Casa De Flama Y Sombra - Sarah J. Maas -1-.epub -

Lo mejor:

Lo peor:

Al completar las pruebas, la Casa de Flama y Sombra empezó a temblar, no por destrucción sino por renacimiento. Los muros, que habían sido de piedra gris, se tornaron de un tono pálido, como si la luz del alba y la sombra de la noche se hubieran fundido. Las torres dejaron de ser puntos oscuros en el horizonte y se convirtieron en faros que emitían una luz tenue, capaz de guiar tanto a viajeros de día como a espíritus de la noche. Casa de flama y sombra - Sarah J. Maas -1-.epub

Lyra y Eitan, ahora inseparables, comprendieron que la verdadera magia no radicaba en el dominio de una sola fuerza, sino en la armonía entre ambas. Decidieron que la Casa ya no sería una fortaleza cerrada, sino un Santuario del Equilibrio, abierto a cualquiera que buscara comprender la danza de la luz y la sombra.

Los aldeanos, que antes temían la casa, comenzaron a acercarse, trayendo ofrendas de fuego —velas encendidas, brasas de madera— y de sombra —cintas negras, pergaminos escritos con tinta de tinta de calamar—. Juntos, celebraban una nueva era donde el calor de la llama y el frescor de la sombra se entrelazaban como amantes bajo la luna. Lo mejor:


En el borde del Bosque Susurrante, donde los árboles se entrelazan como dedos de una mano gigante, se alzaba una mansión que parecía haber sido esculpida de la propia noche. Sus torres se perdían en la niebla, y una luz tenue, como brasas que nunca se apagan, emanaba de sus ventanas. Los aldeanos la llamaban Casa de Flama y Sombra, un nombre que llevaba el peso de leyendas y susurros.

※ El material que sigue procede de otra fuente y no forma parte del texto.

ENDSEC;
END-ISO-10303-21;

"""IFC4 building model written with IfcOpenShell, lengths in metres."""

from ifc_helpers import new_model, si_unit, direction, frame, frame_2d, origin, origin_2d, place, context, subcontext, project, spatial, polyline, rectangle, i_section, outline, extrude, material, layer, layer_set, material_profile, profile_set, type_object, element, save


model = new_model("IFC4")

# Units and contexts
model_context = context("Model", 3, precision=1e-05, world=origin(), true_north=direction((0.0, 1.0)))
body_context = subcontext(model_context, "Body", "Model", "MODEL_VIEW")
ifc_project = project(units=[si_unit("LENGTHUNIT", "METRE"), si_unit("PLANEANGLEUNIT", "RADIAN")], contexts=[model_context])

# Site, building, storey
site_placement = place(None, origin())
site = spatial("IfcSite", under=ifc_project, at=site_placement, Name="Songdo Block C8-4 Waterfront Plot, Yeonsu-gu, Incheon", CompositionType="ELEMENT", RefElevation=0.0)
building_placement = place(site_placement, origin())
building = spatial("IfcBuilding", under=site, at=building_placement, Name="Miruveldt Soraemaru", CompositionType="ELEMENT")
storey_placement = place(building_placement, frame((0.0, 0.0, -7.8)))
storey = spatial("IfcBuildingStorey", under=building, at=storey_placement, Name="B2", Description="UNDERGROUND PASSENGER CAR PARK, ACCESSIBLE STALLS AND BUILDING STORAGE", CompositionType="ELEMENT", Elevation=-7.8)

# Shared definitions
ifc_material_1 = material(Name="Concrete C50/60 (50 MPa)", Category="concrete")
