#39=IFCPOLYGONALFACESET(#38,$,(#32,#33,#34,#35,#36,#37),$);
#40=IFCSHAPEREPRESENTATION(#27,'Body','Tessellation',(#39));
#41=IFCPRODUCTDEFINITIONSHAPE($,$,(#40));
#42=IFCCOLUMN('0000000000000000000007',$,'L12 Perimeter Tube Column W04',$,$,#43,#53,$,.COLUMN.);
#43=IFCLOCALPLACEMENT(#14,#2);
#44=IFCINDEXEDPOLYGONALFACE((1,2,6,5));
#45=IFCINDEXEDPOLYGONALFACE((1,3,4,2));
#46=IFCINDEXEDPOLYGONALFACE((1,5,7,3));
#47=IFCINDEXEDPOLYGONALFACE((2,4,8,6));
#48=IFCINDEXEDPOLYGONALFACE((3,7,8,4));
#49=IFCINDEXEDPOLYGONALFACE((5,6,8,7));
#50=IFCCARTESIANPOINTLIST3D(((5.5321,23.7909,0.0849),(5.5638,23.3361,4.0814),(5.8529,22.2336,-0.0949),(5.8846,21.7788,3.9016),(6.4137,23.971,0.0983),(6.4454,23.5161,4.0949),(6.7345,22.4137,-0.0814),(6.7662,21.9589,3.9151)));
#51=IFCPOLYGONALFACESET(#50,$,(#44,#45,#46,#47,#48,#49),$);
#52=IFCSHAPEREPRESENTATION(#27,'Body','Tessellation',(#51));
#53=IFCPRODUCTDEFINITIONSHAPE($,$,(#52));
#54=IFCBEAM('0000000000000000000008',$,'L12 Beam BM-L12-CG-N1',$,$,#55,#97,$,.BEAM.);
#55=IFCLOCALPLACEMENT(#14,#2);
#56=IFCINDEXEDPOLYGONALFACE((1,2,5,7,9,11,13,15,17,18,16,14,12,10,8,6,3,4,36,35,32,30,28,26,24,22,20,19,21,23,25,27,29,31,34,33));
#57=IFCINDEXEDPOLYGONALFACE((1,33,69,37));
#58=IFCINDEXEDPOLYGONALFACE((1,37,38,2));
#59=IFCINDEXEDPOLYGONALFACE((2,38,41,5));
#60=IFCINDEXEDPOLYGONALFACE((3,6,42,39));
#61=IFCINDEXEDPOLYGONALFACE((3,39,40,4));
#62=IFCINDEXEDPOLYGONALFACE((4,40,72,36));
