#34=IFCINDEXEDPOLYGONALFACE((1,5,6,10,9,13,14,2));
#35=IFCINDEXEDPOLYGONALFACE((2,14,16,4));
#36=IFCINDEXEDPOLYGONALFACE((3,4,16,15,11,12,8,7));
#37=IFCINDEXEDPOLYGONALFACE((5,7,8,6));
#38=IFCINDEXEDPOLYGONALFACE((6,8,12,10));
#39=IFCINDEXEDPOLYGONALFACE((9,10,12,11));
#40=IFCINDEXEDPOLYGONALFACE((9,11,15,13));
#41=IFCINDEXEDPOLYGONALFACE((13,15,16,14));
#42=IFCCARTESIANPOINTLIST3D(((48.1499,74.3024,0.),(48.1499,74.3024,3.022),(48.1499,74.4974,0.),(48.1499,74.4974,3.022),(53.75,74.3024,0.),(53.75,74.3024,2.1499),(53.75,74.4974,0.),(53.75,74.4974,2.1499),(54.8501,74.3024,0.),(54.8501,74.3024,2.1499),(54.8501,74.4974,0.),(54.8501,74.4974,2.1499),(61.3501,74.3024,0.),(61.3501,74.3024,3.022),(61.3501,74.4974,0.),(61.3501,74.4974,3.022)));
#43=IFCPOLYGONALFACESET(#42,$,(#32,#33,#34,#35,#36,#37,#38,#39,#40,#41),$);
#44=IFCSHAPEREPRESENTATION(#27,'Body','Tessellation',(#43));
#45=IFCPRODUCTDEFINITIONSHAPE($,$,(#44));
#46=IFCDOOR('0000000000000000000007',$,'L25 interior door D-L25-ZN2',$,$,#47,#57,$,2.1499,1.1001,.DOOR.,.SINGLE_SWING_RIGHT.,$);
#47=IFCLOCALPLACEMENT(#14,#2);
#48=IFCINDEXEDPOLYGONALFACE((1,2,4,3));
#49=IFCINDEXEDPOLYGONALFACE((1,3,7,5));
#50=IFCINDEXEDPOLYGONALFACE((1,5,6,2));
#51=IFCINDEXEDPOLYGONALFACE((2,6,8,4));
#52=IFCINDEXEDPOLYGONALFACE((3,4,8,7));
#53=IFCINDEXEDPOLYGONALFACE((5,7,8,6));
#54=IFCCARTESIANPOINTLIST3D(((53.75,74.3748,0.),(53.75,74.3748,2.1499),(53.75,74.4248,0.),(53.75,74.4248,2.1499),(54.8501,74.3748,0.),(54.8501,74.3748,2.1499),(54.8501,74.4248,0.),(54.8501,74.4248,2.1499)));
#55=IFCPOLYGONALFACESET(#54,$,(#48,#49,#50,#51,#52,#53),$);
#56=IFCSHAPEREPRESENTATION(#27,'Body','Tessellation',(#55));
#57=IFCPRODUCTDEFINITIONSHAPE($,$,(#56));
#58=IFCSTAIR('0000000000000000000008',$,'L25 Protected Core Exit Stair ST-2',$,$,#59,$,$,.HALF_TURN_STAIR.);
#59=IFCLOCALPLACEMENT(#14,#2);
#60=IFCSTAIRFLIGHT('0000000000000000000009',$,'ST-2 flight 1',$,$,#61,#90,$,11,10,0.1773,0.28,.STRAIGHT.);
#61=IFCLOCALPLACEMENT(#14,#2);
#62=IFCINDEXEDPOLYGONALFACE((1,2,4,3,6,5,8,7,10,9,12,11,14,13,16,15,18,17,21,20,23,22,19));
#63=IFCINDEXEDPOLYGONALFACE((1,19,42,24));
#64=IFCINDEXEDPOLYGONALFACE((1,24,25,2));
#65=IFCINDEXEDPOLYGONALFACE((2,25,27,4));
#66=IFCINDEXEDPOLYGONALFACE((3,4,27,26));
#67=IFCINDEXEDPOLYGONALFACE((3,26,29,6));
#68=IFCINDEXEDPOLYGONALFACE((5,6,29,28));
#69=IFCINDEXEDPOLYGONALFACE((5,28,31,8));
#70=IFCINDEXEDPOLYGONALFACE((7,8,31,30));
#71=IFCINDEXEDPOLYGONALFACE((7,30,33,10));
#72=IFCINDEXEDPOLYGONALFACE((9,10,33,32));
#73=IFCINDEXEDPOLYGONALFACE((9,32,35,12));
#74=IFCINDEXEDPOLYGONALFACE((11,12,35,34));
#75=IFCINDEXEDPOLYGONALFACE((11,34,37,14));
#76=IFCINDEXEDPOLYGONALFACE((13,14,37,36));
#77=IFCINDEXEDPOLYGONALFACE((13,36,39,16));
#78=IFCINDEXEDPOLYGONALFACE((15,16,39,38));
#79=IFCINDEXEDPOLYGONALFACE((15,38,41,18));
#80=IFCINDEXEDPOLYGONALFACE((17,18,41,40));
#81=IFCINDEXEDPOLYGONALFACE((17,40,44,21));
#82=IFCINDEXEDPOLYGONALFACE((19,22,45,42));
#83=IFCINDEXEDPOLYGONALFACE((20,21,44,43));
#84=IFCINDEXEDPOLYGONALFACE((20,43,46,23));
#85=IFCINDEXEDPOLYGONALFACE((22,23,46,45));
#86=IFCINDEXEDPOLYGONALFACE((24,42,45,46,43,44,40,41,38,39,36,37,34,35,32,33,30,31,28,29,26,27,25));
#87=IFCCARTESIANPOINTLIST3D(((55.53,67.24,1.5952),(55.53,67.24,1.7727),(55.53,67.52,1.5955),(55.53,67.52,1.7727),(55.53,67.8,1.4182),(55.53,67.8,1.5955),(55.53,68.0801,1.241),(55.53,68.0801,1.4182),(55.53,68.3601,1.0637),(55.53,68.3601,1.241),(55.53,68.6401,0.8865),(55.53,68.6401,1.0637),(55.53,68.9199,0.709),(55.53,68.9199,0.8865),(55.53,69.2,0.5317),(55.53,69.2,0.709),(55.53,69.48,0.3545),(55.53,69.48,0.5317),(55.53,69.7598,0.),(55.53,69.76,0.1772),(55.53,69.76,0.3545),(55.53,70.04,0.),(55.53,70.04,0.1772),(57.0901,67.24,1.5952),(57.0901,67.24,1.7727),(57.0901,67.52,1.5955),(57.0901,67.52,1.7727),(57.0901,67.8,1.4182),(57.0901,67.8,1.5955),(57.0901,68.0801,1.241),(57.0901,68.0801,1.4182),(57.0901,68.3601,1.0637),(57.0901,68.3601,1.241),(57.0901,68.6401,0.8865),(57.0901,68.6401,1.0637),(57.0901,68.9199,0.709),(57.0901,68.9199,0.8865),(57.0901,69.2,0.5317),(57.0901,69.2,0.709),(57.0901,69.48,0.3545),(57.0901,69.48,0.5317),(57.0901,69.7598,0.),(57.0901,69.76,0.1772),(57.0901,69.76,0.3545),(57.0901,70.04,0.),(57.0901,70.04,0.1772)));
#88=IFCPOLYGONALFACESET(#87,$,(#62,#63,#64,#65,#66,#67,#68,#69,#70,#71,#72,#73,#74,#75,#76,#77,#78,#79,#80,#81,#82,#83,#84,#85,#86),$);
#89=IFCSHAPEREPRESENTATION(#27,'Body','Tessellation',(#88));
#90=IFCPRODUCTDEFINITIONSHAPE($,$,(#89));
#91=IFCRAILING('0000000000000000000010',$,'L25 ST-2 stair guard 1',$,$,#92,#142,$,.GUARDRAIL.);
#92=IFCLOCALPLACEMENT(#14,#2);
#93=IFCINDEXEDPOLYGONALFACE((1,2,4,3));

Se decía que dentro de sus muros moraban dos linajes que habían sellado un pacto hace mil años: los Flameantes, descendientes de una dragona que había incendiado la tierra para dar vida; y los Umbriños, herederos de un príncipe de sombras que había jurado proteger la luz del mundo. Desde entonces, la casa había sido un punto de convergencia, donde la luz y la oscuridad bailaban en un delicado equilibrio. Lo peor: Al completar las pruebas, la Casa


Los ancestros de ambas casas habían dejado un libro de piel negra, llamado El Lienzo del Destino, donde se anotaban los pactos, los errores y las profecías. Lyra y Eiran, a regañadientes, se unieron para abrirlo. Cada página estaba escrita con tinta que cambiaba de color: rojo cuando hablaba de fuego, negro cuando hablaba de sombra, y una extraña mezcla púrpura cuando los dos se entrelazaban.

En la última página, bajo una ilustración de una llama abrazada por una sombra, estaba la profecía que todos habían olvidado:

Cuando la sangre de la llama se mezcle con la sangre de la sombra, una nueva era surgirá; pero si la llama se vuelve demasiado hambrienta o la sombra demasiado voraz, la Casa caerá y el mundo se sumirá en un invierno de cenizas o en un amanecer de oscuridad eterna.

Los dos jóvenes sintieron el peso de la profecía como una cadena de hielo y fuego al mismo tiempo. Sabían que el futuro dependía de ellos.